Shares of the Christchurch-based company rose as high as $2.29 and recently traded at $2.22, a 4.1% premium on the IPO price of $2.13, valuing the company at $442 million.

The IPO allowed Kathmandu’s owners, Goldman Sachs JBWere and Quadrant Private Equity, to sell their entire stake in the retailer they acquired from founder Jan Cameron in 2006 for $275 million. The IPO raised $422 million after shares were sold near the bottom end of the indicative range. The retail sector has been hit hard as tight lending conditions have forced consumers to pay down their debt in the country’s first recession in a decade.

“There are all these big sales going on week after week and if people are taking advantage of them, how are retailers going to get them back to selling goods at normal margins,” said Alan Moore, who helps manage $350 million at Milford Asset Management.

Sales over the peak Christmas trading period “is the great unknown,” Moore said. “I’m a bit skeptical of these IPOs, the private equity refloats, coming to the market.”

Kathmandu fared better on debut than Australian department store chain Myer Holdings, which tumbled 9% in its ASX debut this month and was last at A$3.92 compared to the price of A$4.10 when private equity firms TPG Capital and Blum Capital sold the business.

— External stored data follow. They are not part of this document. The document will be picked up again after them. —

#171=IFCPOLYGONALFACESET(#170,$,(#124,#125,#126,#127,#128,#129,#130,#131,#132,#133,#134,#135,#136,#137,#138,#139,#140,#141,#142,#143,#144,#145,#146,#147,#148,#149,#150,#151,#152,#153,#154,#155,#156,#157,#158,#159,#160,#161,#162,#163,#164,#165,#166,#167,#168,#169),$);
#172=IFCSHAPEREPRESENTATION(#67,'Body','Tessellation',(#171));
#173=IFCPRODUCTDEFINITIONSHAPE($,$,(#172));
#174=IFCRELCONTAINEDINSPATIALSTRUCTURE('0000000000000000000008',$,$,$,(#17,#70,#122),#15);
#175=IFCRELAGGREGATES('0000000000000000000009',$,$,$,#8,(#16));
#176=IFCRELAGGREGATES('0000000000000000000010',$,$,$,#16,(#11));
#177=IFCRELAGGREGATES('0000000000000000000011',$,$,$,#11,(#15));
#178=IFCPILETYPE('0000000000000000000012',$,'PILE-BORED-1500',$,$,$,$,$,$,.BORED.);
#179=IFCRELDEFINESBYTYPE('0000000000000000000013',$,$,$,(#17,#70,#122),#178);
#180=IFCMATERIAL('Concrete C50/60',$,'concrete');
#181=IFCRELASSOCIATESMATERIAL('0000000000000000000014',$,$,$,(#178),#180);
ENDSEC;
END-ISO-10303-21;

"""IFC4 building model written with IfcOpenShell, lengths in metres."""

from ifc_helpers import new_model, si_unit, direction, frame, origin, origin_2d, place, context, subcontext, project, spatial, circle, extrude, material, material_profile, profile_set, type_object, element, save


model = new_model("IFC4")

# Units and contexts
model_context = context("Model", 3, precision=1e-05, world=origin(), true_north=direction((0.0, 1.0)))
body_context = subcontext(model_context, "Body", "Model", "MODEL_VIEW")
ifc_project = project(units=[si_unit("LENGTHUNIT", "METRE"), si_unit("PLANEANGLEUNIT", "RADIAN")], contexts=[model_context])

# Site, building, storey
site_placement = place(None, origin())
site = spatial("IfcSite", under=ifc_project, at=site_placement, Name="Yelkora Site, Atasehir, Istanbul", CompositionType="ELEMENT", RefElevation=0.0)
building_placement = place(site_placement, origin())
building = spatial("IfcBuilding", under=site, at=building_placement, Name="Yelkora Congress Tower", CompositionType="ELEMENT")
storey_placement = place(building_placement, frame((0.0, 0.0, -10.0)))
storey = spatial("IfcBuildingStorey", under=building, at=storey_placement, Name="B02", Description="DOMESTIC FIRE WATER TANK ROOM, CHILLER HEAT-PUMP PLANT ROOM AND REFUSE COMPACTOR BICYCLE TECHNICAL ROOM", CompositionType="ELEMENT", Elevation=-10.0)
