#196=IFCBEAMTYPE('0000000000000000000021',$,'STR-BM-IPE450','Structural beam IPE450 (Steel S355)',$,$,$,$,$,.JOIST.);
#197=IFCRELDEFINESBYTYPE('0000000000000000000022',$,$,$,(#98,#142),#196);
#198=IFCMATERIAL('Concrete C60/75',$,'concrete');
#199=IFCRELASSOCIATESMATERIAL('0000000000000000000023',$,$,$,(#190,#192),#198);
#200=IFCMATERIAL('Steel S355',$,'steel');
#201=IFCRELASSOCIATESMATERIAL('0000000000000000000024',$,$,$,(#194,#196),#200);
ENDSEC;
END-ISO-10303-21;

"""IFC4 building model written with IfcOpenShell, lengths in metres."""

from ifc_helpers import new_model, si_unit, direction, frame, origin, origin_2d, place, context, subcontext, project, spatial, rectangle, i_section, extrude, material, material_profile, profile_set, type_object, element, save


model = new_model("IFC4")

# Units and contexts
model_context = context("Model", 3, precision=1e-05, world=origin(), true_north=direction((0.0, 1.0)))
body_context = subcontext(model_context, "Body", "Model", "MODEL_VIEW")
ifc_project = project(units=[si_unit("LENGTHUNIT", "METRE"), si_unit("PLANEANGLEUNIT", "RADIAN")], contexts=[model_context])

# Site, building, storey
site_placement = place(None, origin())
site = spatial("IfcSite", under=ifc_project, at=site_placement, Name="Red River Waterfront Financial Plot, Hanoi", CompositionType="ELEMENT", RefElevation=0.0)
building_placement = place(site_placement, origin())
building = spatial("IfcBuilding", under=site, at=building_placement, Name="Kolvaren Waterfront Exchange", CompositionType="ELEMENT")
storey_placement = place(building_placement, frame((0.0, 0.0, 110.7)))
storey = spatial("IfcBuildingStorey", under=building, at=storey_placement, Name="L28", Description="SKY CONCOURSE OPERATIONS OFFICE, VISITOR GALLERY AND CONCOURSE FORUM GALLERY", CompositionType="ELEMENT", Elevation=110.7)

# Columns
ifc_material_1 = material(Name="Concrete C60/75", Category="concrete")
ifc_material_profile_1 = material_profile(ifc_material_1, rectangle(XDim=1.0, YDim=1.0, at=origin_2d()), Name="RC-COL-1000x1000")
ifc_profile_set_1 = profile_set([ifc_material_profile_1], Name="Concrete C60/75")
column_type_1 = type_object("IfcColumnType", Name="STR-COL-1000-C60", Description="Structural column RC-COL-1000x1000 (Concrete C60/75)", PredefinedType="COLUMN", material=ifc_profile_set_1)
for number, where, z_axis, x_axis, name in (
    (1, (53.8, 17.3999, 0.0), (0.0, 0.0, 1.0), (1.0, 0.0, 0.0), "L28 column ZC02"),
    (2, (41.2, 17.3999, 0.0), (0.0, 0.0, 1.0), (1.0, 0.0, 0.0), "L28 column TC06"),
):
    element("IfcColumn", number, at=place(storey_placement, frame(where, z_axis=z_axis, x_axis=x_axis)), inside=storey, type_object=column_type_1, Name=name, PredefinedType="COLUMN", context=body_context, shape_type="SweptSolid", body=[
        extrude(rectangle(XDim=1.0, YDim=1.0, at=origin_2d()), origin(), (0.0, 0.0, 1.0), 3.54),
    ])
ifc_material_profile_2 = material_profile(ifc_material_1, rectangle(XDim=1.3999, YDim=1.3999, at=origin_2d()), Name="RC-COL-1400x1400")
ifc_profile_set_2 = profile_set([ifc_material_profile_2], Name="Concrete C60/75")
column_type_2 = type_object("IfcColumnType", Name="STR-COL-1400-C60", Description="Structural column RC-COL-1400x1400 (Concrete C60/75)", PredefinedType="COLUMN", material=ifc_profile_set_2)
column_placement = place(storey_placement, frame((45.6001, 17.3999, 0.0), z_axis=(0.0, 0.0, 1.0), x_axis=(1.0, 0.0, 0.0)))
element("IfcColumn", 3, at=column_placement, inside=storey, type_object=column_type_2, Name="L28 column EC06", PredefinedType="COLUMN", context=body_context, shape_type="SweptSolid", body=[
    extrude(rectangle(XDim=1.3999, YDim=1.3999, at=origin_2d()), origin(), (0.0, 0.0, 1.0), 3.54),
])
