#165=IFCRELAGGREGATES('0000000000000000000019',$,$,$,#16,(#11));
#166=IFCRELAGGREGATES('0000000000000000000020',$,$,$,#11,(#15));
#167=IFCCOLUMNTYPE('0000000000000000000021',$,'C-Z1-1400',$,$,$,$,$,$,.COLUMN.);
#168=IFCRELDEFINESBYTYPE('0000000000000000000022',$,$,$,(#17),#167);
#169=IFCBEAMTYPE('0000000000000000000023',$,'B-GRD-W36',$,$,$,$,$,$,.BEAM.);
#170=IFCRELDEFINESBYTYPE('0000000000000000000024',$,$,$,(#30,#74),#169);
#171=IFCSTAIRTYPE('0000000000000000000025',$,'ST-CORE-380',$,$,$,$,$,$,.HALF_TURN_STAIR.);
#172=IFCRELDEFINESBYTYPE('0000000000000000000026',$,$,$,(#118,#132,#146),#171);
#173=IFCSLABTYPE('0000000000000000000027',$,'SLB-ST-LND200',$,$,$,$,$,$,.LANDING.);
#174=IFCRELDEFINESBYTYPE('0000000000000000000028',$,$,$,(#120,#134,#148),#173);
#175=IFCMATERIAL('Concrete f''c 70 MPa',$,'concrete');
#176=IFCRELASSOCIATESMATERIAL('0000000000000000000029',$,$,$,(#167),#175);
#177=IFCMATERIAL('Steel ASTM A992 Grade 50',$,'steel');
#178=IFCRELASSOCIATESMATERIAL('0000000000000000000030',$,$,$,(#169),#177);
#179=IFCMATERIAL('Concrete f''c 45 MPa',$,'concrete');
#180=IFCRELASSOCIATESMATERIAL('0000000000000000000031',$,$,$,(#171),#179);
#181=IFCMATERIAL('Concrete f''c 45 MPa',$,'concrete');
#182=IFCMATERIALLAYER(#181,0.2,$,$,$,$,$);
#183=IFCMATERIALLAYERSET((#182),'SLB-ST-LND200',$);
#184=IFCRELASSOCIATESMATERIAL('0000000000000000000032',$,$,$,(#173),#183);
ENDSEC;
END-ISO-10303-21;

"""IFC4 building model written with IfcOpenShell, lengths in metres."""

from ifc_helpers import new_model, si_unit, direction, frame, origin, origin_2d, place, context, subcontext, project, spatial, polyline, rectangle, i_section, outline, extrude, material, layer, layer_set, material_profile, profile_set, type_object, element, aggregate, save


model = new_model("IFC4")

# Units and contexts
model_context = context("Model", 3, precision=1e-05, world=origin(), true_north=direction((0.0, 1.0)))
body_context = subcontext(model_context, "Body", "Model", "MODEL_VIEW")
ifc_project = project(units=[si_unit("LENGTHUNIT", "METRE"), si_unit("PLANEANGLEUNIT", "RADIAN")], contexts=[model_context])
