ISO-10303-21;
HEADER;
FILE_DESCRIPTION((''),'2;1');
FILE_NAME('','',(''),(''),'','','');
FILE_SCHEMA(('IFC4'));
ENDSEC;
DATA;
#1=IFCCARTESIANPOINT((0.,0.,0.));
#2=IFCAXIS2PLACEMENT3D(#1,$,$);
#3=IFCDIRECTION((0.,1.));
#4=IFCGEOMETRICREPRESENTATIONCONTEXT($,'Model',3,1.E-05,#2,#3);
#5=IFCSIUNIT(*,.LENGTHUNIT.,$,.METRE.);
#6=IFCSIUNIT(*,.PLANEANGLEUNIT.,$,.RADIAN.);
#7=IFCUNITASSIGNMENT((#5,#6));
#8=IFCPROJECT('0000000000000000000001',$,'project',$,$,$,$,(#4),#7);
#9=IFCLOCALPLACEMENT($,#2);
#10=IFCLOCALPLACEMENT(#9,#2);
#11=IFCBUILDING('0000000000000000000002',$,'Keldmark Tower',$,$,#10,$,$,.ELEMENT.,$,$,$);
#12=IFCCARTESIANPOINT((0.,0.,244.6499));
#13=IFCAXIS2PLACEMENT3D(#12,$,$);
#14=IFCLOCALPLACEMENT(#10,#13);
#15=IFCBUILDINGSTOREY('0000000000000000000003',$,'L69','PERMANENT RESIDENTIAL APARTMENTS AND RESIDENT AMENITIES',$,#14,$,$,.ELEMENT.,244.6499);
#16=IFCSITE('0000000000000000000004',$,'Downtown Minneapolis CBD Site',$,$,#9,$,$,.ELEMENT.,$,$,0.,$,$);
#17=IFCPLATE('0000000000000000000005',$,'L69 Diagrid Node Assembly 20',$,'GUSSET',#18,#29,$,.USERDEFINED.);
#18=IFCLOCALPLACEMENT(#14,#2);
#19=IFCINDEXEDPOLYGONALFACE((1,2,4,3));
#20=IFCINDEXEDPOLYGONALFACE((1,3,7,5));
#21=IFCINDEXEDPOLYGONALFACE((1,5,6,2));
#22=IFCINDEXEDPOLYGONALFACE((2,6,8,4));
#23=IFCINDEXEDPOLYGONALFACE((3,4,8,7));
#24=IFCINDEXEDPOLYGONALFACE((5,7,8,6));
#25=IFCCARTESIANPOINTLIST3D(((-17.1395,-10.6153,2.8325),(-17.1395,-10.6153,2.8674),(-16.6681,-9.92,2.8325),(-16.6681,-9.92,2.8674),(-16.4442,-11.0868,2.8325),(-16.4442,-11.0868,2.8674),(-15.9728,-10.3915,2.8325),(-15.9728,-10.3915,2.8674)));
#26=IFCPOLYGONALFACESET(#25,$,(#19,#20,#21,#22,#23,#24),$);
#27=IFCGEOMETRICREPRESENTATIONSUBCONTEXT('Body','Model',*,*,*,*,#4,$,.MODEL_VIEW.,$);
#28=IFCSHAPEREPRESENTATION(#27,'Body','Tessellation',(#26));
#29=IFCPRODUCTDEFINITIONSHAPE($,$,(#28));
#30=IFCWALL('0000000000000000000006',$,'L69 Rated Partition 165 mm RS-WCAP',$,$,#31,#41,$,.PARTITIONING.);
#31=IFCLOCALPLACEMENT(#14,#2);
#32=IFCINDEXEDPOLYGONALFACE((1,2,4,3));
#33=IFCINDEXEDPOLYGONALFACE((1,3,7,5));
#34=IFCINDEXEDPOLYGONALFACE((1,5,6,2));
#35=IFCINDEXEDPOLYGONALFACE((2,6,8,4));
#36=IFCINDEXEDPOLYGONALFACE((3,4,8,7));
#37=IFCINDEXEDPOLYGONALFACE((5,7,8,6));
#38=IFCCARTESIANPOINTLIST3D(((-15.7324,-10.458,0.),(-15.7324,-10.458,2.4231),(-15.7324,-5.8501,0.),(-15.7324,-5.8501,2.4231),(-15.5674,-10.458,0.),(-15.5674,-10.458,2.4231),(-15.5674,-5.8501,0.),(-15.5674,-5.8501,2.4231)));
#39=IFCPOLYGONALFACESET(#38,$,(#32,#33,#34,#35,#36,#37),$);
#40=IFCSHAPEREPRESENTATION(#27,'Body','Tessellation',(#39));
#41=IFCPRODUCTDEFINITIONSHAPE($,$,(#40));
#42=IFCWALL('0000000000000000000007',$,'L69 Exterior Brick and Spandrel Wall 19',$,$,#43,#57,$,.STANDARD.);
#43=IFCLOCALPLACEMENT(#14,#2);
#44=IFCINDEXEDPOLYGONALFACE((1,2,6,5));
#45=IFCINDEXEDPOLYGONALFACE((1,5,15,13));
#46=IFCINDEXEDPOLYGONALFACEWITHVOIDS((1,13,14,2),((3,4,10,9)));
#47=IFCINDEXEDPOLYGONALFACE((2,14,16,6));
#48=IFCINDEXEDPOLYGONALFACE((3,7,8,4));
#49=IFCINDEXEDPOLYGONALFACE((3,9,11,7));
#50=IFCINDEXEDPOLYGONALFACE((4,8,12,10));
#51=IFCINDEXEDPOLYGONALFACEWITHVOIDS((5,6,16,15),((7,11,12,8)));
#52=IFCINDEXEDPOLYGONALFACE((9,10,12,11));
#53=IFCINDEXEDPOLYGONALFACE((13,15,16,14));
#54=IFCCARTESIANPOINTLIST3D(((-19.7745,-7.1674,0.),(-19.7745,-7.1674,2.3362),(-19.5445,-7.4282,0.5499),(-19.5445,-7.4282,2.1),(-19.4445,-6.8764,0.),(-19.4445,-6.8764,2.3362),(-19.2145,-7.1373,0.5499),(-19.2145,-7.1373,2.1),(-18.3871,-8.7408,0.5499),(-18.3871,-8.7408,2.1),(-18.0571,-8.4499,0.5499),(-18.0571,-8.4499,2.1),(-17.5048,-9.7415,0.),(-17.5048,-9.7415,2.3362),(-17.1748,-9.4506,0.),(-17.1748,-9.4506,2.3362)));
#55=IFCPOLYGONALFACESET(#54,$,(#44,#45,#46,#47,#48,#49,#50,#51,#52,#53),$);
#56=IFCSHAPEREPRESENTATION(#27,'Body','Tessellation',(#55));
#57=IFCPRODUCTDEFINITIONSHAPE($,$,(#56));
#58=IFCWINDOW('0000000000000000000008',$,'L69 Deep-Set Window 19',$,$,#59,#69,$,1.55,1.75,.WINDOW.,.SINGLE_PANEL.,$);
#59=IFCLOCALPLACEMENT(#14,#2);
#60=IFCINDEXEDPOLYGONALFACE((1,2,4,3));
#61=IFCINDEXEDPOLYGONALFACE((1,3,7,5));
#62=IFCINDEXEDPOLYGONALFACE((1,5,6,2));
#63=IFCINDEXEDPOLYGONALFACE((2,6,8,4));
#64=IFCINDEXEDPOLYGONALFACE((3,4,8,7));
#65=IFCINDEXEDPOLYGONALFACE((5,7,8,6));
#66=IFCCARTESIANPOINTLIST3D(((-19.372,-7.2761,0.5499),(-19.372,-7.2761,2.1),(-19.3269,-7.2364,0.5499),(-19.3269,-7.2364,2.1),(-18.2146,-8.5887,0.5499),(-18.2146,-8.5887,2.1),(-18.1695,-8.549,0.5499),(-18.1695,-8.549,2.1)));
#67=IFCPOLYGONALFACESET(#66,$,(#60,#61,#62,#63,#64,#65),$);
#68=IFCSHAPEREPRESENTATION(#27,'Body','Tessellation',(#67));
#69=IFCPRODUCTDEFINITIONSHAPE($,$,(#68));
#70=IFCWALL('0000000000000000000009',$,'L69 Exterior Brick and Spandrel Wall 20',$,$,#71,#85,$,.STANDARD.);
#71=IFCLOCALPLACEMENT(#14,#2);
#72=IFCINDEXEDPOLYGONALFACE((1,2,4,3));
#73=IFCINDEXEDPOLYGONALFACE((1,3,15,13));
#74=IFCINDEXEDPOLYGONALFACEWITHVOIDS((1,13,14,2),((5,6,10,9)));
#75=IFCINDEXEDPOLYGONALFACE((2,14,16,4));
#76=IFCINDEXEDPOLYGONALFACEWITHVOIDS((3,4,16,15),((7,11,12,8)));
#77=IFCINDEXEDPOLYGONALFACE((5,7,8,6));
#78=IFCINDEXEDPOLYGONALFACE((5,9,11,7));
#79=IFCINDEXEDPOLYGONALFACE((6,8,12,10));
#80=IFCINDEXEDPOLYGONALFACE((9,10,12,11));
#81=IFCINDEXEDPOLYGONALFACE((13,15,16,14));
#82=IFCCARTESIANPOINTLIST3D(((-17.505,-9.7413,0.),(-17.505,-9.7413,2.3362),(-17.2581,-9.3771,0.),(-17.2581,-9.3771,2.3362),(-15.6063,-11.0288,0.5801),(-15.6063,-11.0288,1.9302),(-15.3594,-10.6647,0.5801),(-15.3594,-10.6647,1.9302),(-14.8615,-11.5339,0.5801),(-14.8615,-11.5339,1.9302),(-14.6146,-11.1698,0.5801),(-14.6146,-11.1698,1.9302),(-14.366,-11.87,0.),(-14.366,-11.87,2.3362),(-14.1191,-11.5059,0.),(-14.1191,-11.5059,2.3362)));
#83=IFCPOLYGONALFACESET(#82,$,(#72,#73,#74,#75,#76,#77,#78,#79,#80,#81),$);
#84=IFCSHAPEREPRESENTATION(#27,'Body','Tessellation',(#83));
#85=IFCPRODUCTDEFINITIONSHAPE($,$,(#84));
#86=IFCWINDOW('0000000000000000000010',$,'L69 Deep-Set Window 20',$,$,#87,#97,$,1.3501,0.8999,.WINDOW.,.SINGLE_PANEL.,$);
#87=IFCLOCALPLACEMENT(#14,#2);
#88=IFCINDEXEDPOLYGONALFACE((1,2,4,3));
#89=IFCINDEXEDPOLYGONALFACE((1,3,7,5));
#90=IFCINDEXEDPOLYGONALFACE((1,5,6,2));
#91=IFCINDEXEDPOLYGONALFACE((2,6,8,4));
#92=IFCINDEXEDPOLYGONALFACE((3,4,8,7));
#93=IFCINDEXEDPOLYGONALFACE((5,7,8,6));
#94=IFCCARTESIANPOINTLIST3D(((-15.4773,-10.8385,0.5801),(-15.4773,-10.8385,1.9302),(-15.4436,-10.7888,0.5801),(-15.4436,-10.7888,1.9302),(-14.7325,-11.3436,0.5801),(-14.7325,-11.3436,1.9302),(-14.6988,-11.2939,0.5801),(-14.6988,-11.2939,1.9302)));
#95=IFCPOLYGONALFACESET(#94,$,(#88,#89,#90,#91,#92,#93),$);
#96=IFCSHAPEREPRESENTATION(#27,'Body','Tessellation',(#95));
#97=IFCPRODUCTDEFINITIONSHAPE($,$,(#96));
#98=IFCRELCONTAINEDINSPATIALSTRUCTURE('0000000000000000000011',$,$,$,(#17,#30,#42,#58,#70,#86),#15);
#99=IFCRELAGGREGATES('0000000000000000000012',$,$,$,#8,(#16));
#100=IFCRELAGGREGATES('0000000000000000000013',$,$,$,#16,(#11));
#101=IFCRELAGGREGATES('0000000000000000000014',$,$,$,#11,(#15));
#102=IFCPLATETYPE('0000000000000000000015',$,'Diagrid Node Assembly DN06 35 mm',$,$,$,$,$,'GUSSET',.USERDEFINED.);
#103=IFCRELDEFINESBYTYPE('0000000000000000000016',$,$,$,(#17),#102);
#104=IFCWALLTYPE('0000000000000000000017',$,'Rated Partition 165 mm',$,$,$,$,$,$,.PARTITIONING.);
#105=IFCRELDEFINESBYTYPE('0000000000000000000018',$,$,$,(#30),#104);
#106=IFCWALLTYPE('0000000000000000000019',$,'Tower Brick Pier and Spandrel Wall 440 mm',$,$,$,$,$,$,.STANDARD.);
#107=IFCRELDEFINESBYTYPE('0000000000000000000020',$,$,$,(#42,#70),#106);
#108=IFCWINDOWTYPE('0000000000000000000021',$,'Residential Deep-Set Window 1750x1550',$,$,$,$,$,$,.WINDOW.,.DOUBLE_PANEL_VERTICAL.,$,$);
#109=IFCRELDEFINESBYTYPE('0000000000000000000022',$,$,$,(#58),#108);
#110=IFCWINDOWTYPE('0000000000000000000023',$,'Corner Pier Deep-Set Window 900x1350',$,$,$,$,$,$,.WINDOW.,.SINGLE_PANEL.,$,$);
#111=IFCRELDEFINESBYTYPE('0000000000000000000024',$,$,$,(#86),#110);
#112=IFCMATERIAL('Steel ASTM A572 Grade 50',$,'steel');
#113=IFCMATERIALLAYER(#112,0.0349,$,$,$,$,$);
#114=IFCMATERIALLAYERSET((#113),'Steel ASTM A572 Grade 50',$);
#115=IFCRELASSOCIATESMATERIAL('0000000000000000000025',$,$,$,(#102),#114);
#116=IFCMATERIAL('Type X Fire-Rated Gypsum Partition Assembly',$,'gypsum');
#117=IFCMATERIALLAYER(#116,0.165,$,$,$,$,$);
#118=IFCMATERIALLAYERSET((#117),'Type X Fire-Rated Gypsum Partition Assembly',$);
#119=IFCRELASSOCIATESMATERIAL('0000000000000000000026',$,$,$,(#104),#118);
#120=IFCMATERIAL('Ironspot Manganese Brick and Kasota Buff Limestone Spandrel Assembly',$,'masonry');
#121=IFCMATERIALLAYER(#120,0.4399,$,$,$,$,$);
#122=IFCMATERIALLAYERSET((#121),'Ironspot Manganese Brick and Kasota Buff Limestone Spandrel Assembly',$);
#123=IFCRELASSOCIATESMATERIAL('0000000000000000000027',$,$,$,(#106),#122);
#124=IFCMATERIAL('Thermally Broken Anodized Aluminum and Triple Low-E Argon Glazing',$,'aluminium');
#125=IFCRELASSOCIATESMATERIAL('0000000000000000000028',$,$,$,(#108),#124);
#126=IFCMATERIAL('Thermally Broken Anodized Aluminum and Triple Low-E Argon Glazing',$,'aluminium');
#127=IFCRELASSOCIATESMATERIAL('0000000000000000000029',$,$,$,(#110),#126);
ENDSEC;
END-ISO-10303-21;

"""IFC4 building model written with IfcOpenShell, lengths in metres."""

from ifc_helpers import new_model, si_unit, direction, frame, frame_2d, origin, origin_2d, place, context, subcontext, project, spatial, rectangle, extrude, material, layer, layer_set, type_object, element, fill, save


model = new_model("IFC4")

# Units and contexts
model_context = context("Model", 3, precision=1e-05, world=origin(), true_north=direction((0.0, 1.0)))
body_context = subcontext(model_context, "Body", "Model", "MODEL_VIEW")
ifc_project = project(units=[si_unit("LENGTHUNIT", "METRE"), si_unit("PLANEANGLEUNIT", "RADIAN")], contexts=[model_context])

# Site, building, storey
site_placement = place(None, origin())
site = spatial("IfcSite", under=ifc_project, at=site_placement, Name="Downtown Minneapolis CBD Site", CompositionType="ELEMENT", RefElevation=0.0)
building_placement = place(site_placement, origin())
building = spatial("IfcBuilding", under=site, at=building_placement, Name="Keldmark Tower", CompositionType="ELEMENT")
storey_placement = place(building_placement, frame((0.0, 0.0, 244.6499)))
storey = spatial("IfcBuildingStorey", under=building, at=storey_placement, Name="L69", Description="PERMANENT RESIDENTIAL APARTMENTS AND RESIDENT AMENITIES", CompositionType="ELEMENT", Elevation=244.6499)

# Plate
ifc_material_1 = material(Name="Steel ASTM A572 Grade 50", Category="steel")
ifc_layer_1 = layer(ifc_material_1, 0.0349)
ifc_layer_set_1 = layer_set([ifc_layer_1], Name="Steel ASTM A572 Grade 50")
plate_type = type_object("IfcPlateType", Name="Diagrid Node Assembly DN06 35 mm", ElementType="GUSSET", PredefinedType="USERDEFINED", material=ifc_layer_set_1)
for number, where, z_axis, x_axis, name in (
    (1, (-16.5562, -10.5034, 2.8325), (0.0, 0.0, 1.0), (0.827669, -0.561217, 0.0), "L69 Diagrid Node Assembly 20"),
):
    element("IfcPlate", number, at=place(storey_placement, frame(where, z_axis=z_axis, x_axis=x_axis)), inside=storey, type_object=plate_type, Name=name, ObjectType="GUSSET", PredefinedType="USERDEFINED", context=body_context, shape_type="SweptSolid", body=[
        extrude(rectangle(XDim=0.8401, YDim=0.8401, at=origin_2d()), origin(), (0.0, 0.0, 1.0), 0.0349),
    ])

# Wall
ifc_material_2 = material(Name="Type X Fire-Rated Gypsum Partition Assembly", Category="gypsum")
ifc_layer_2 = layer(ifc_material_2, 0.165)
ifc_layer_set_2 = layer_set([ifc_layer_2], Name="Type X Fire-Rated Gypsum Partition Assembly")
wall_type_1 = type_object("IfcWallType", Name="Rated Partition 165 mm", PredefinedType="PARTITIONING", material=ifc_layer_set_2)
wall_1_placement = place(storey_placement, frame((-15.6499, -10.458, 0.0), z_axis=(0.0, 0.0, 1.0), x_axis=(0.0, 1.0, 0.0)))
element("IfcWall", 2, at=wall_1_placement, inside=storey, type_object=wall_type_1, Name="L69 Rated Partition 165 mm RS-WCAP", PredefinedType="PARTITIONING", context=body_context, shape_type="SweptSolid", body=[
    extrude(rectangle(XDim=4.6079, YDim=0.165, at=frame_2d((2.304, 0.0))), origin(), (0.0, 0.0, 1.0), 2.4231),
])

Private companies are considering IPOs again in New Zealand after a 22-month drought as the prospects of an economic recovery drives equity markets higher. The NZX 50 Index has climbed 30% from its low in early March. So far this month, South Island-based dairy company Synlait Ltd. and biotechnology company BioVittoria Ltd. have both announced they are going public.

Retail spending data has been mixed since the New Zealand economy edged out of recession with a 0.1% gain in gross domestic product in the second quarter. New Zealanders spent less on their credit and debit cards in October, the first decline in four months.

Figures yesterday showed total retail sales volumes edged 0.1% higher in the three months through September. Warehouse Group Ltd., the biggest retailer on the NZX 50, today said sales in September and October were lower than expected, signalling a slow start to the busiest season.

Still, Kathmandu financial director Mark Todd said outdoor supplies “are quite a niche and specific market” and the company has very little competition at present.

“Business has been reasonably good in retail and this has been reflected in recent weeks – we’re comfortable with our own trading,” Todd told BusinessWire.

The retailer plans to continue its expansion in Australia, New Zealand and the U.K.

Kathmandu founder Cameron may emerge as a threat to the retailer after announcing she will start up a rival chain of outdoor stores.

After the company announced the float, Cameron said she would spend about $27 million on a new company to go head-to-head with Kathmandu, with prices 50% to 60% lower than the chain she founded. She plans to launch some 60 stores across Australasia in December next year.

Todd said Cameron is bound by a restraint of trade agreement until May 2011.